如果把这些档案用大麻袋把他们装起来,得用多少个麻袋?对,这个麻袋数量就是题目中所说的“八千个”,这里面的每张纸都可以说价值连城,为什么要用麻袋把他们草草装起来?这可是一个“孩子没娘,说起来话长”的故事。
1898年清廷已经是风雨飘摇了,安放档案的内阁大库,由于年久失修,档案都暴露到外头来,有的流散出去,有的是日晒雨淋,很快便生了霉斑
1909(宣统元年),为整修内阁大库,朝廷决定将所存大批档案移出库外等待焚毁。这事被著名考古学家罗振玉知道了,他当时为清朝学部参事。一天,他赴内阁办事,见库房档案文籍如山。顺手取来一束,打开一看,是关于督漕的奏摺,又打开一份,是一份征金川的奏摺,都是颇有价值的。他赶紧请张之洞奏准罢毁。张当时是大学士、军机大臣,兼管学部,他于是就委派罗振玉处理这批档案。罗将其中一部分主要是历科殿试卷收藏于学部后楼,其他档案装成了八千麻袋,移到清王朝所称太学的国子监敬一亭里
辛亥革命爆发后。北洋军阀政府在1912年打算建立历史博物馆,就在国子监成立了筹备处,内阁档案是它的基本藏品。后来,博物馆筹备处迁到故宫午门楼,档案也随之移至午门外朝房里,并有一部分堆在端门的门洞里。但是这些麻袋仿佛常常减少,因为工役们不是国学家,所以他们将里面的宝贝倒在地上,单拿麻袋去卖钱。是不是很符合那个成语——买椟还珠。当时任历史博物馆筹备处主任的胡玉缙,曾经是京师大学堂的教授,他深怕这些麻袋缺多了,更怕着火,所以忙到教育部请示如何处理这批档案。

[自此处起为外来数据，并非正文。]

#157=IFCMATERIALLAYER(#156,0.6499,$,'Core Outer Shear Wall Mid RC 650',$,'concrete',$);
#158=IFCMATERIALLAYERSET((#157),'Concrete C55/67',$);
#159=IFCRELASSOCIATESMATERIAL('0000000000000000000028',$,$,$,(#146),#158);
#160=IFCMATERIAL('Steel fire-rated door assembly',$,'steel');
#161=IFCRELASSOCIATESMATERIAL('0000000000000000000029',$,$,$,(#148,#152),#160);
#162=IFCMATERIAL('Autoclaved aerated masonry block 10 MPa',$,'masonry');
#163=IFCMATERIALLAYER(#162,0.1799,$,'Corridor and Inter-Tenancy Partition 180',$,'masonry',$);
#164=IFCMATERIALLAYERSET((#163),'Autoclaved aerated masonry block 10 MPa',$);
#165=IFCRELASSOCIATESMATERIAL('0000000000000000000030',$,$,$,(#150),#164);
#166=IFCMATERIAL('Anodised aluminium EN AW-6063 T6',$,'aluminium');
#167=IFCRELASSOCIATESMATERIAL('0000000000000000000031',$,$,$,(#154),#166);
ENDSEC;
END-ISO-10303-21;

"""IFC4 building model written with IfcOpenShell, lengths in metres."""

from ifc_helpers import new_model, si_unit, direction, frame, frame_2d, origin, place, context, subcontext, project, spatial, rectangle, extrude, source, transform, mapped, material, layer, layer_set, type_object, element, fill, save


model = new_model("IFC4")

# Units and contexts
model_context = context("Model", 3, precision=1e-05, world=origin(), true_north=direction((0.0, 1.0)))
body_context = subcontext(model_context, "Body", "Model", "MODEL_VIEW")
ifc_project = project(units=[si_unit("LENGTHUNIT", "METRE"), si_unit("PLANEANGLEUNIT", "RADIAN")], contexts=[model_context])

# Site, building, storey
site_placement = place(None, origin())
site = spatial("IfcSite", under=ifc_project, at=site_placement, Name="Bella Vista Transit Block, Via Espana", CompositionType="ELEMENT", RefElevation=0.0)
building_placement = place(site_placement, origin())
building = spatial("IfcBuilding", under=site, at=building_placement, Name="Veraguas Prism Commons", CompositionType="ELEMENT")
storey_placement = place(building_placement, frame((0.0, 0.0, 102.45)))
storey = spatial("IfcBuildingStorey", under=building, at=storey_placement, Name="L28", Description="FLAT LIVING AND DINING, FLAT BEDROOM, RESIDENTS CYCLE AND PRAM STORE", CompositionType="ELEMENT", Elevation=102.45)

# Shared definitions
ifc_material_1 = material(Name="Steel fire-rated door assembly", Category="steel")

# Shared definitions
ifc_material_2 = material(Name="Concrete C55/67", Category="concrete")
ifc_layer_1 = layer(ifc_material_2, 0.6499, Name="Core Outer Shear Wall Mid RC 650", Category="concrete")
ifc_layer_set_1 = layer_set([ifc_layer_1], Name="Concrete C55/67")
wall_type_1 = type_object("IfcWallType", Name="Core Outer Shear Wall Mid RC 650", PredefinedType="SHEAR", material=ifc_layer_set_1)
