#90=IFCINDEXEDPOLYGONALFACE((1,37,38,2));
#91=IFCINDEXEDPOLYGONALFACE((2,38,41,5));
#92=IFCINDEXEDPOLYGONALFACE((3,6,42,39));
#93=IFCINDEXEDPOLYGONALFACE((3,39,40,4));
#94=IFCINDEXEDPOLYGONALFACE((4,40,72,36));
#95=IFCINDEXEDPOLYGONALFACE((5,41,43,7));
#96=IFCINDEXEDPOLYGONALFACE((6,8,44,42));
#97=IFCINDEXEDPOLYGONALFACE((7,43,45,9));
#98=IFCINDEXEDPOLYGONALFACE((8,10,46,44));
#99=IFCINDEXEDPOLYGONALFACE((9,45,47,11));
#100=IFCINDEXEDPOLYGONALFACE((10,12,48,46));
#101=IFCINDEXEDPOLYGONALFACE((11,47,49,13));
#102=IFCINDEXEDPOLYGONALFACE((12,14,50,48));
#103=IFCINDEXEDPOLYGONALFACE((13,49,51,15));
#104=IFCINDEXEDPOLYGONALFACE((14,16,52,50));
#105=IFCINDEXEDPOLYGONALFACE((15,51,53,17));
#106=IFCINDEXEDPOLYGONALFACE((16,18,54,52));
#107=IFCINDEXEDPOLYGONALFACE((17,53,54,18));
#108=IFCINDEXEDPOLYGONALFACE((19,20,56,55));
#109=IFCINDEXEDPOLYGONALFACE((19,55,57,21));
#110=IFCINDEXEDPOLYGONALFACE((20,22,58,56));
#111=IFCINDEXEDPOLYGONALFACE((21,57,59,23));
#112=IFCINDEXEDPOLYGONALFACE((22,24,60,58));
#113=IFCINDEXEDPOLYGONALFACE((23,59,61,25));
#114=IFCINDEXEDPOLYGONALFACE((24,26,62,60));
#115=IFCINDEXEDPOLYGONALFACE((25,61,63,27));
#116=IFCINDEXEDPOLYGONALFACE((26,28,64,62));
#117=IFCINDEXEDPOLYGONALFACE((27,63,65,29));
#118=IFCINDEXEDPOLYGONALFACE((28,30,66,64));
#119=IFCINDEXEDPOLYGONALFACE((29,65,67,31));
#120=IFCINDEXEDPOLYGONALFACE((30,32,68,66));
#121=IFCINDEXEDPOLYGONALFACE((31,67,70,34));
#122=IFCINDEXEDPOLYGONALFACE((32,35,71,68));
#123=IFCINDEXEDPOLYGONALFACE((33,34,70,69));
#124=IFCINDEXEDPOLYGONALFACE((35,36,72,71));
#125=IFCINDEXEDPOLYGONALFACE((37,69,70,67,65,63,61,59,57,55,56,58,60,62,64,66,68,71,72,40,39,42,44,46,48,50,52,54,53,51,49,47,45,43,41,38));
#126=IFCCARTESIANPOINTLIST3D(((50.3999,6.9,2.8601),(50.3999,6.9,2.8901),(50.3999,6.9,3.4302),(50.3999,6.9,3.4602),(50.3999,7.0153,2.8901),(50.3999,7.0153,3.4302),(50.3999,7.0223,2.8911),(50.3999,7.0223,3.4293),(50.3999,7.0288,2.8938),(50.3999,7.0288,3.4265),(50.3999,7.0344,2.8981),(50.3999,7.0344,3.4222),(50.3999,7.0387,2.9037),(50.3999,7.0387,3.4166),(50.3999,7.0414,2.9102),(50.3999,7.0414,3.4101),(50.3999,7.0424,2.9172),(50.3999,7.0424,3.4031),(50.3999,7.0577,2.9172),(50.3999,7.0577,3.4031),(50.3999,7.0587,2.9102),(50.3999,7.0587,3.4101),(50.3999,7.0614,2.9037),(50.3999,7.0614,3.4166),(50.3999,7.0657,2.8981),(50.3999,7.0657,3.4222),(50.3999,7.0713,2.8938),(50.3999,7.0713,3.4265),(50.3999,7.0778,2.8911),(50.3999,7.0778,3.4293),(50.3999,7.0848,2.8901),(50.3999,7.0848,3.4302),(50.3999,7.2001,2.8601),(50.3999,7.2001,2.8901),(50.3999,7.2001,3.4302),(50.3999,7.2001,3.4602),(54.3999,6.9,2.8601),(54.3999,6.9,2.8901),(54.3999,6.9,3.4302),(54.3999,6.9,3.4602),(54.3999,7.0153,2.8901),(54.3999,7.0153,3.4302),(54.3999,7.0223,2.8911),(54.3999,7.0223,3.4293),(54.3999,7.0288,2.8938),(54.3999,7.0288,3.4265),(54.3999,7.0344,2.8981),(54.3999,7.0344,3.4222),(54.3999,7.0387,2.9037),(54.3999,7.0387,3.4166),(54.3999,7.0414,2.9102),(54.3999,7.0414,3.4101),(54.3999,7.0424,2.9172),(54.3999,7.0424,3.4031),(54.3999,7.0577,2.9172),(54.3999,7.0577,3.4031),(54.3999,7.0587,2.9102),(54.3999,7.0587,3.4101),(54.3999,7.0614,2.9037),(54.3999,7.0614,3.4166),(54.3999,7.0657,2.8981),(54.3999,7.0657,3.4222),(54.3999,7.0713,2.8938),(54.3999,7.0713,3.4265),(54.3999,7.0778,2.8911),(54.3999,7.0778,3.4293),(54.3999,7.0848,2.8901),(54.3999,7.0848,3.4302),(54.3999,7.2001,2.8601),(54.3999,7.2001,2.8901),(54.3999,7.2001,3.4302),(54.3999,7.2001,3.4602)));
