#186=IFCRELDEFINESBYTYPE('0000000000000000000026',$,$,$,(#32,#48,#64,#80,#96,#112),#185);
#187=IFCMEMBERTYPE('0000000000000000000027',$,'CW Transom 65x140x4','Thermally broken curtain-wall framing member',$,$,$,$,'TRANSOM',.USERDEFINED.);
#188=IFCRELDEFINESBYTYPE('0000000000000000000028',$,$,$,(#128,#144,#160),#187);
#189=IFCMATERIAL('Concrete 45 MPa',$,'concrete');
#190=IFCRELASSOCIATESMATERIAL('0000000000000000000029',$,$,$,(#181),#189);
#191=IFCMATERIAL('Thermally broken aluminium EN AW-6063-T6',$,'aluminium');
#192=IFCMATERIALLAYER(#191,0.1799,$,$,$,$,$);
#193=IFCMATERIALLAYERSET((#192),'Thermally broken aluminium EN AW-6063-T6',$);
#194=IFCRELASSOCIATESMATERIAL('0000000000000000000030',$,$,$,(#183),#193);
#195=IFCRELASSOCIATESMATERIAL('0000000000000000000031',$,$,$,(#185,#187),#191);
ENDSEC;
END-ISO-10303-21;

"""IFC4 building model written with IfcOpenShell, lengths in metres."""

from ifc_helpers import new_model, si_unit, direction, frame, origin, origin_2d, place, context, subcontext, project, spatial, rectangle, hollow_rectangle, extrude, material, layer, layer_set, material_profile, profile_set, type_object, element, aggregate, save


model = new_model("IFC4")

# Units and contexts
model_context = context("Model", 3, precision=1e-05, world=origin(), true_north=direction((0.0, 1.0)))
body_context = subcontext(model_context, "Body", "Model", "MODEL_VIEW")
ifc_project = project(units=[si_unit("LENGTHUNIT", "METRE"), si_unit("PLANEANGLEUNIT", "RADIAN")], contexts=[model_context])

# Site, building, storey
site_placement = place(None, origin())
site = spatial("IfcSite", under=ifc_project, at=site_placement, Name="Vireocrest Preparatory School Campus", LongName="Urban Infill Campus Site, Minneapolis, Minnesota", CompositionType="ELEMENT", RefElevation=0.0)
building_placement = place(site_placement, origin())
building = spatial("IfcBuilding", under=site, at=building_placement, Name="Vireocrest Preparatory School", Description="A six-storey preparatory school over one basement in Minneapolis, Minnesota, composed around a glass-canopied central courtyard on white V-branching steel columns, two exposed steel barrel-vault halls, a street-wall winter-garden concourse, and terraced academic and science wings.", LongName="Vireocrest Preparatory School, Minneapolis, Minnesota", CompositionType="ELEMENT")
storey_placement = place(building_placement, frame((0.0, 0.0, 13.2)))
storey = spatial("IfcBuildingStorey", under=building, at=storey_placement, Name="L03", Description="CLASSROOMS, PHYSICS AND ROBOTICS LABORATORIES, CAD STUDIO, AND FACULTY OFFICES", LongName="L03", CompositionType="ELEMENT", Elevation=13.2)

当时教育部专管这类事情的是社会教育司,司长叫夏曾佑,是位历史学家,熟于“中国历史”。他知道,中国的一切事,是万不可“办”的,即如档案罢,有很多敏感的问题,一办就出事,所以他就采用一个计策:拖。拖拖拉拉,左拖右拖,迁延时日,不觉几年过去了,“麻袋们”就由安稳地躺了好几年。
1918年,教育总长换人了,一个名叫傅增湘人当了教育总长,他下令开始整理这批麻袋。奉这位傅总长的指派,教育部佥事(官职名)的和另外一人,搬了二十麻袋到教育部来进行挑拣。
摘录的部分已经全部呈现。